At the WSC I will be presenting two of our main findings:

  1. Patients with a persistent low level of physical activity (in the lowest quartile of our physical activity score measure) at both seven days just prior to their stroke as well as six months post-stroke have a significantly increased hazards ratio (HR) of our composite outcome, compared to the group of patients in the 2nd-4th quartile at both pre-stroke and six months post-stroke.
  2. Patients in the lowest quartile pre-stroke, but in one the the higher quartile post-stroke, did not have a HR statistically significantly different from the group with a higher level at both time points.

I think the first point is what we expected, but the second point is very encouraging. Though, this trial is observational, it still highlights, that increasing physical activity level in the stroke population may lower the risk of a clinical outcome such as new vascular event or death.

Smoothed survival plot

I have been quite restricted in data management and which figures to present, as I have been working on a protected server, and I have only been allowed to present cumulative data. This means, that I also had to find a way to smooth the classic survival curve plot, as each step on the classic plot is representing a single subject, and thereby not allowed.
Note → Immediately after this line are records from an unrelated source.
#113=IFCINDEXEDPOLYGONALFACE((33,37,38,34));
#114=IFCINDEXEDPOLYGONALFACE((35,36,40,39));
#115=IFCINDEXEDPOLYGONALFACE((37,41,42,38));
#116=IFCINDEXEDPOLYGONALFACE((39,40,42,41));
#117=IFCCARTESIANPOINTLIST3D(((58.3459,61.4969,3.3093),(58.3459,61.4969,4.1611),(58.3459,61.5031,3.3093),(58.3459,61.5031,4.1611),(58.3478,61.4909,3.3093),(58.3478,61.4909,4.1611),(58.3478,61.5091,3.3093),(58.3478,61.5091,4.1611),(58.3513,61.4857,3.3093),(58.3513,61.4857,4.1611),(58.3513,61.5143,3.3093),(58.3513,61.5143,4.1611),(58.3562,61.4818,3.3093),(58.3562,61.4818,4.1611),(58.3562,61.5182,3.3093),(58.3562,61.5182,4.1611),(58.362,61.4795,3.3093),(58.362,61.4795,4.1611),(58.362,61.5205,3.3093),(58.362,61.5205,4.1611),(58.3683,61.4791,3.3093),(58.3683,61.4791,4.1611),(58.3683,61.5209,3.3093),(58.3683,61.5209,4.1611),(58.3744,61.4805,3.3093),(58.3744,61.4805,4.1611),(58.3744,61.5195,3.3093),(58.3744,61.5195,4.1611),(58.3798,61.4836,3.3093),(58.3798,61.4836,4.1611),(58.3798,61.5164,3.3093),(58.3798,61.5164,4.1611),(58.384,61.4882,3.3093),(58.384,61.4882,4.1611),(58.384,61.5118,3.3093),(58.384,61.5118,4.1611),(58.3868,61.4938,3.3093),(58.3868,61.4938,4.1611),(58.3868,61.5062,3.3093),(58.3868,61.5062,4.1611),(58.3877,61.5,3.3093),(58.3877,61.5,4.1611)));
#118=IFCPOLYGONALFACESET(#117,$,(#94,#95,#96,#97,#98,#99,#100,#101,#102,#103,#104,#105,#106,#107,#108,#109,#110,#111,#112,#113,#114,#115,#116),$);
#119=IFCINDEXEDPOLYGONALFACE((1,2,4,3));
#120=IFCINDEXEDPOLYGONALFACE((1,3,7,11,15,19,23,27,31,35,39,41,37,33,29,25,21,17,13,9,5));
Below is the code I used for my presentation at WSC with some sample data. This code is based on the `ggsurvfit`-package, which eases the work with survival data, but I had to use a different approach to the smooth line and confidence interval. I played with other smoothing approaches, but this is the most straight-forward, I found.

Code
library(tidyverse)
── Attaching core tidyverse packages ──────────────────────── tidyverse 2.0.0 ──
✔ dplyr     1.1.3     ✔ readr     2.1.4
✔ forcats   1.0.0     ✔ stringr   1.5.0
✔ ggplot2   3.4.3     ✔ tibble    3.2.1
✔ lubridate 1.9.3     ✔ tidyr     1.3.0
✔ purrr     1.0.2     
── Conflicts ────────────────────────────────────────── tidyverse_conflicts() ──
✖ dplyr::filter() masks stats::filter()
✖ dplyr::lag()    masks stats::lag()
ℹ Use the conflicted package (<http://conflicted.r-lib.org/>) to force all conflicts to become errors
Code
library(survival)
library(purrr)
library(ggsurvfit)

df <- survfit2(Surv(time, status) ~ surg, data = df_colon) |> 
  tidy_survfit(type = "survival")

df_split <- split(df,df$strata)

df_smoothed <- purrr::reduce(lapply(c("estimate","conf.low", "conf.high"), function(j) {
  do.call(rbind,
          lapply(seq_along(df_split), function(i) {
            nms <- names(df_split)[i]
            y <-
              predict(mgcv::gam(as.formula(paste0(
                j[[1]], " ~ s(time, bs = 'cs')"
              )), data = df_split[[i]]))
            df <- data.frame(df_split[[i]]$time, y, nms)
            names(df) <- c("time", paste0(j[[1]], ".smooth"), "strata")
            df
          }))
}),dplyr::full_join) |> full_join(df)
Joining with `by = join_by(time, strata)`
Joining with `by = join_by(time, strata)`
Joining with `by = join_by(time, strata)`
Code
ggplot(data=df_smoothed) +
  geom_line(aes(x=time, y=estimate.smooth, color = strata))+
  geom_ribbon(aes(x=time, ymin = conf.low.smooth, ymax = conf.high.smooth, fill = strata), alpha = 0.50) +
  # geom_smooth(aes(x=time, y=estimate, color = strata), method = "gam", formula = y ~ s(x, bs = "cs")) +
  # reduce padding on edges of figure and format axes
  scale_y_continuous(label = scales::percent, 
                     breaks = seq(0, 1, by = 0.2),
                     expand = c(0.015, 0), limits = c(0,1)) +
  scale_x_continuous(breaks = 0:10, 
                     expand = c(0.02, 0))+
  labs(
    y = "Percentage Survival",
    title = "Recurrence by Time From Surgery to Randomization",
  ) +
  # limit plot to show 8 years and less
  coord_cartesian(xlim = c(0, 8))
Warning: Removed 9 rows containing missing values (`geom_line()`).